Well done New Zealand, take a bow.
When an unprecedented global crisis required a national spending spree to save the economy, we rose to the challenge.
We went to the pub, we ordered extra takeaways, we booked baches and we renovated our kitchens.
On the scale of heroic sacrifice it may not match that of previous generations.
But, joking aside, it did make a difference.
Our economic performance in the face of the Covid-19 pandemic has been nothing sort of incredible, as yesterday's third-quarter GDP figures showed.
Economic growth rebounded by 14 per cent in the three months to September 30.
That has seen our year-on-year GDP rise. By that measure it is among the strongest economic performances in the world.
We've had some familiar fair winds - export prices have held up and production volumes have been good.
There's been all that stimulus from the Reserve Bank and Government.
But that just put conditions for recovery in place.
We had to do the work.
At the coal face, that was as business people and as workers.
We sucked up the stress of the pandemic and put in the hours to pivot, reinvent and reposition for the new world we faced.
As consumers, we spent like our lives depended on it.

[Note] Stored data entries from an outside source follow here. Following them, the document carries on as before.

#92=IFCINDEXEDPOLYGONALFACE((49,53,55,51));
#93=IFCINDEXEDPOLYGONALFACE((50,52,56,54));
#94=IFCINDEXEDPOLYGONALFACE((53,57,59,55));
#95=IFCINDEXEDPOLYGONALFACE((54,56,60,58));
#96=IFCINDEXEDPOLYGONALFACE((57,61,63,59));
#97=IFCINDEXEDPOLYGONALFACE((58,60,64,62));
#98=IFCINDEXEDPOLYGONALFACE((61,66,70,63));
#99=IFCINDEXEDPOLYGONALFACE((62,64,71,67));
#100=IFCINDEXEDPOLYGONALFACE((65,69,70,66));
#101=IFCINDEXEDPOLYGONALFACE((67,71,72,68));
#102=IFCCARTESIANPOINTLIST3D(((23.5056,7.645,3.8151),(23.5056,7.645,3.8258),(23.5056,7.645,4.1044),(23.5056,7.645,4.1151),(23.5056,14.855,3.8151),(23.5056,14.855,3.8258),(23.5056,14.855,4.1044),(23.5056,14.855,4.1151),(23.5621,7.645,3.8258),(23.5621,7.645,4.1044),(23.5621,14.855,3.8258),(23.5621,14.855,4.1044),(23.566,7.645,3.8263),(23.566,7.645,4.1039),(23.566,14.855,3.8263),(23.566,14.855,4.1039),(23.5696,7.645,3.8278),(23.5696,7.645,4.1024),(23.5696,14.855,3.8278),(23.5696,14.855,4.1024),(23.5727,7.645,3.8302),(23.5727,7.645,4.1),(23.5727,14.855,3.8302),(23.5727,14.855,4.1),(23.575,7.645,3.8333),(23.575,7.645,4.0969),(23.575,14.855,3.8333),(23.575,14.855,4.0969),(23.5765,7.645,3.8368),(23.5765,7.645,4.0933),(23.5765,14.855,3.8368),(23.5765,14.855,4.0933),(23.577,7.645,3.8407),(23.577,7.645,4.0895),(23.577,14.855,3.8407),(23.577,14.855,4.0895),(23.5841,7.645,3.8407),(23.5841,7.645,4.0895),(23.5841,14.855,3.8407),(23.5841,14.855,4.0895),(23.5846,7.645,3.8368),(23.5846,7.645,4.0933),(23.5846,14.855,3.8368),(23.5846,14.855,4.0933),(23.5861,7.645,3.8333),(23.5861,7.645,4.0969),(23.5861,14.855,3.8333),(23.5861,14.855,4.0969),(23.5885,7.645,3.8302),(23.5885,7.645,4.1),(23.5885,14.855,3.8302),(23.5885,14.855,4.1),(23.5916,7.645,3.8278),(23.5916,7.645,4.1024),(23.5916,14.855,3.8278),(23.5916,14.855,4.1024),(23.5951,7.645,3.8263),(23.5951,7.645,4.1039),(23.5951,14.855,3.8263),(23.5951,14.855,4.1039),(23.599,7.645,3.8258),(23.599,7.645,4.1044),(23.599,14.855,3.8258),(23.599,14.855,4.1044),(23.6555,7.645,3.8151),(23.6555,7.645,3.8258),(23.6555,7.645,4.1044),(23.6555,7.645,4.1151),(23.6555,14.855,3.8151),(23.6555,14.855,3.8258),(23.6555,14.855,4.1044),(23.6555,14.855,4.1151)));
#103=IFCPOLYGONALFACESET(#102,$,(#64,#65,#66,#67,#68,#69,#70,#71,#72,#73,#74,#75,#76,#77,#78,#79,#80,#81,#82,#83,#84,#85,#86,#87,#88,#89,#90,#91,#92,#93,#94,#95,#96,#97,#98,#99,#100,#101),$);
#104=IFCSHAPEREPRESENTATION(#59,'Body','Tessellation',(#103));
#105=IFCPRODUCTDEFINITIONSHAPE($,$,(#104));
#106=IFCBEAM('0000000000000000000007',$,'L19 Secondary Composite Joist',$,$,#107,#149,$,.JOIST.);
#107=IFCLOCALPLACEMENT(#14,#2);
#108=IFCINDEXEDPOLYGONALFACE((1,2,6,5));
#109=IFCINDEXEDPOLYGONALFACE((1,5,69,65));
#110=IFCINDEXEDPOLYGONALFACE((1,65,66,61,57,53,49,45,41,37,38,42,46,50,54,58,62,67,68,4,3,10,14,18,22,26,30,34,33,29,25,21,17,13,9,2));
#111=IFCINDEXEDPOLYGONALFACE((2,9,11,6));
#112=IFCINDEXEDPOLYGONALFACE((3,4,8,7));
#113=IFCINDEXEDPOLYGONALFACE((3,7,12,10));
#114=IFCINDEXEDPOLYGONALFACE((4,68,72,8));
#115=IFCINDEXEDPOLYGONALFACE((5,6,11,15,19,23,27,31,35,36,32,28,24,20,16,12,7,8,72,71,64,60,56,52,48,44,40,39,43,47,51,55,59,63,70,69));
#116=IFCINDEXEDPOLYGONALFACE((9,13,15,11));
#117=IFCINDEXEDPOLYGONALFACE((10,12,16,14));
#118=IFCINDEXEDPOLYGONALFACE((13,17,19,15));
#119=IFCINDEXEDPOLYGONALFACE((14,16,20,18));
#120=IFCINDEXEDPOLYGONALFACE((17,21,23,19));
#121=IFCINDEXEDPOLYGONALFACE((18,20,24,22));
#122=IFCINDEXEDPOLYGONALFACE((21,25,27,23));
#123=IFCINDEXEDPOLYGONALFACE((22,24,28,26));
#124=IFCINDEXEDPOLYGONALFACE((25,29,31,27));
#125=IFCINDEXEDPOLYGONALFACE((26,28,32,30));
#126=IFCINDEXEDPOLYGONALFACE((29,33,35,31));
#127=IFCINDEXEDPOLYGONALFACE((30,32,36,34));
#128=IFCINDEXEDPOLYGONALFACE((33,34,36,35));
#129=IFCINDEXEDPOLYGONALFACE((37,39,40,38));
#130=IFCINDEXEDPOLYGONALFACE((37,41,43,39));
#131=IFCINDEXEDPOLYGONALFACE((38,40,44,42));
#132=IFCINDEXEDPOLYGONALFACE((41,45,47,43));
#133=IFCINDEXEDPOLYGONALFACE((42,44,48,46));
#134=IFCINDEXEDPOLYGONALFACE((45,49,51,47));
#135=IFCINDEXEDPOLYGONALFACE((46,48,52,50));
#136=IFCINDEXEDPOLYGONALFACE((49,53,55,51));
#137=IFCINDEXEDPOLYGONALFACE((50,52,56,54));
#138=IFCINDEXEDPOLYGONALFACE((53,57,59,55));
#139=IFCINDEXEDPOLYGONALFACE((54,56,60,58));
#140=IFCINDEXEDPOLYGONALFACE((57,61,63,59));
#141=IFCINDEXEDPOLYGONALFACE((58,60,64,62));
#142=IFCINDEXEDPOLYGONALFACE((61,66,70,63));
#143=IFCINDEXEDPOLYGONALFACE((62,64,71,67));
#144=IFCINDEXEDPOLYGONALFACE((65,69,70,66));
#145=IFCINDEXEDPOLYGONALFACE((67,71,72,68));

It's hard to say whether that's because we thought the world was ending and we might as well enjoy ourselves, or because we believed it wouldn't, so we might as well upgrade the telly.
Perhaps a bit of both.
But all the post-lockdown action has proved that our economy is more resilient than anyone dared imagine when the pandemic hit.
Economists underestimated the net effect of closed borders.
Yes, tourism accounts for 5 per cent of GDP, but the extent to which Kiwis had been spending offshore was significant.
In making the effort to spend that money domestically, the damage has been greatly mitigated - in the short term at least.
So now what?
We know the absence of visitors through the peak of the tourist season will hurt.
Even if unemployment peaks at lower levels than first forecast, it will still be on the rise in coming months.
We may yet see another dip in GDP before this rebalancing is complete.
But there is cause for more optimism.
The third-quarter GDP figures included the second lockdown in Auckland, so the rebound effect may linger longer in our largest city.
Although wage subsidies have finished, the Government still has plenty of capacity for targeted support.
Spending on big infrastructure projects is just getting in to gear.
And there is no immediate prospect of interest rates rising.
Add to that the psychological effects from a steady stream of recovery announcements in 2021 - transtasman bubbles, the vaccine rollout - and there is cause to hope that economic momentum will be maintained.
The economic outlook of a nation can quickly become a self-fulfilling.
It is important that we remain optimistic and remain confident.
In doing so, through the darkest days of the pandemic, we have avoided the kind of recessionary spiral that traps economies in perpetual downturn.
That, as anyone who remembers the recessions of the 1980s and 1990s can tell you, is progress.